Selain itu, tupoksi pembinaan Kanwil DJPBN kepada KPPN dan juga Satker-Satker
di wilayah kerjanya, menurut saya, perlu dievaluasi kembali supaya
pelaksanaannya dapat dilakukan secara efektif dan efisien. Sebagaimana pernah
saya sampaikan sebelumnya, sebagian tugas pembinaan yang dilakukan oleh Kanwil
DJPBN selama ini mungkin bisa dialihkan kedalam format laporan rutin/insidentil
yang harus disampaikan kepada Kanwil DJPBN. Selain itu, penyediaan layanan
informasi tentang peraturan perbendaharaan di website dan layanan interaktif
helpdesk Kanwil DJPBN, menurut saya, juga dapat meningkatkan efektivitas dan
efisiensi pelaksanaan tupoksi pembinaan yang dilakukan oleh Kanwil DJPBN.

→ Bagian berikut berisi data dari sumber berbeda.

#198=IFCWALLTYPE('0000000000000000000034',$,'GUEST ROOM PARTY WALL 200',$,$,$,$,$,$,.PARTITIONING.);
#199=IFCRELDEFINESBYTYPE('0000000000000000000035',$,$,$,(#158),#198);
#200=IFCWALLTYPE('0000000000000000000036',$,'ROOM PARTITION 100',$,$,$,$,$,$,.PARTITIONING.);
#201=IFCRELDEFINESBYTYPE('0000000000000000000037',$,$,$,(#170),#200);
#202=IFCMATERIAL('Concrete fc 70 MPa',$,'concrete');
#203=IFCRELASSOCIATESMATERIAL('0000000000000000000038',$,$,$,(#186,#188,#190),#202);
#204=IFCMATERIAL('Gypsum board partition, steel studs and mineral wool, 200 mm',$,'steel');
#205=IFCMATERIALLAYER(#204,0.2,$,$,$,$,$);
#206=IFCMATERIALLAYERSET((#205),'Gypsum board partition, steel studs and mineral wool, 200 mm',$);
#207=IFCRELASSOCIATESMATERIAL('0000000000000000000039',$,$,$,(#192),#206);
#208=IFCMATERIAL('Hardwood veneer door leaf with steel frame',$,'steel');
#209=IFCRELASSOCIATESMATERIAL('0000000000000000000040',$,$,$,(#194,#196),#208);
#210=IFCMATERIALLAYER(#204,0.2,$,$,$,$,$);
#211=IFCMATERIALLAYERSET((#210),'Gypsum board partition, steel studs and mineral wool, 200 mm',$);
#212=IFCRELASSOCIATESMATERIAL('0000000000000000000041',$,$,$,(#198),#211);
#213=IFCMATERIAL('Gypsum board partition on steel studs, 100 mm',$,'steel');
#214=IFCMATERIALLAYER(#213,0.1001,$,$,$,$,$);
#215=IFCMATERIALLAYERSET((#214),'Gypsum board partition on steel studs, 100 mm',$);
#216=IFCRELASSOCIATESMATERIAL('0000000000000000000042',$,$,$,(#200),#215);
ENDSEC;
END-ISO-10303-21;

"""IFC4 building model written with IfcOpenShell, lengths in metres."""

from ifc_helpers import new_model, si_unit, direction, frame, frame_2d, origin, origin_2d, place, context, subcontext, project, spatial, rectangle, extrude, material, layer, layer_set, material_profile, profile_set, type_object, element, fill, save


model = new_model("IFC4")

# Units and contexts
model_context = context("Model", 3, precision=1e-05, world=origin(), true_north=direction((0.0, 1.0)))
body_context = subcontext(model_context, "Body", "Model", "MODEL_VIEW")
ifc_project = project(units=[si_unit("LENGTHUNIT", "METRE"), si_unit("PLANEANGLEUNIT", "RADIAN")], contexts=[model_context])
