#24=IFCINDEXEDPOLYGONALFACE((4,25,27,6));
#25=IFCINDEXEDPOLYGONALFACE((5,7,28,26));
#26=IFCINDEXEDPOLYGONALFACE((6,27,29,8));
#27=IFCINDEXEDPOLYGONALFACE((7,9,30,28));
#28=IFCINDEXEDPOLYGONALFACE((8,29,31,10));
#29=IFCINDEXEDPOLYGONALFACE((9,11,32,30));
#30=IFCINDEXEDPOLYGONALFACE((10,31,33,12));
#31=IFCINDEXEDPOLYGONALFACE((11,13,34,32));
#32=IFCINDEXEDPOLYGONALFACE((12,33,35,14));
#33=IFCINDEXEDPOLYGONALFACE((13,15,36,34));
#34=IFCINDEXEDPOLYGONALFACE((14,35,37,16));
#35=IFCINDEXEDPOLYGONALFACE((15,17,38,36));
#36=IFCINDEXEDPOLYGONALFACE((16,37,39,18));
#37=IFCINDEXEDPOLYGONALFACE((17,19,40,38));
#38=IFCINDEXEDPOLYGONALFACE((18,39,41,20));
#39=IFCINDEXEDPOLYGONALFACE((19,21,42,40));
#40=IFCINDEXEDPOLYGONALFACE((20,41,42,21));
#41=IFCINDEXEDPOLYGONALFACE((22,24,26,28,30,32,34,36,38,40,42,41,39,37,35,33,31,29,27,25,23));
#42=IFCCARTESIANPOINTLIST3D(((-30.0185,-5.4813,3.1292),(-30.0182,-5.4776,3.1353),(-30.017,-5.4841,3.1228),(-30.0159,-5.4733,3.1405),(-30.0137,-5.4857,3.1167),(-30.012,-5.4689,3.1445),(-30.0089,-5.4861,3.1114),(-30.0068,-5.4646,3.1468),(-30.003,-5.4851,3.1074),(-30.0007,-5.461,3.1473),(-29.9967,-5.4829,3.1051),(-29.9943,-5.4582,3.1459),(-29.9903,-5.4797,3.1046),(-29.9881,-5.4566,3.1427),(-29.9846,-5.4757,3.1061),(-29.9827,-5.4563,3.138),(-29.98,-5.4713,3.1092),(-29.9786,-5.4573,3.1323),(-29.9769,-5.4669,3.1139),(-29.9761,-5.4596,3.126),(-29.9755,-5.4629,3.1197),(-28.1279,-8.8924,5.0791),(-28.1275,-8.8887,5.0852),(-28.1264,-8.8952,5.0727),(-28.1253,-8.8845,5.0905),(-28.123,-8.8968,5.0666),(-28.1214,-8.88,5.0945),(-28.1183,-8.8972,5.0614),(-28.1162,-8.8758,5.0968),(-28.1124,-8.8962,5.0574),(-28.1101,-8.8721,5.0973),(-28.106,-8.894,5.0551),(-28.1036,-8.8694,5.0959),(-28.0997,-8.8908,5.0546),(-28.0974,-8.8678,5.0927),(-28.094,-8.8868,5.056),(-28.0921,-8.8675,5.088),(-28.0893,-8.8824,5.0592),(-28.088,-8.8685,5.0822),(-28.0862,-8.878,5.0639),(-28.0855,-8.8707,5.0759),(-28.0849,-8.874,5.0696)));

Kesimpulan saya, untuk menyelesaikan masalah IT, regulasi, dan tupoksi di
Kanwil DJPBN sebagaimana tersebut di atas, menurut saya, diperlukan dukungan
yang maksimal dari Kantor Pusat DJPBN. Saya melihat dukungan SDM yang
menangani IT, regulasi dan tupoksi organisasi di Kantor Pusat DJPBN masih jauh
dari memadai. Saya kira saat ini Kantor Pusat DJPBN membutuhkan banyak sekali
SDM yang berkualitas. Terlebih karena kita akan segera mulai mengembangkan the
New Treasury System yang handal dan kredibel.
Kembali ke pepatah pada bagian awal tulisan ini. Kalau kita mau memperbaiki
diri kita, maka kita harus mampu menemukan kelemahan atau kekurangan diri kita.
Dalam hal penanganan IT dan regulasi, mungkin kita bisa belajar banyak dari
pengalaman teman kita di Kantor Pusat Ditjen Pajak. Semoga.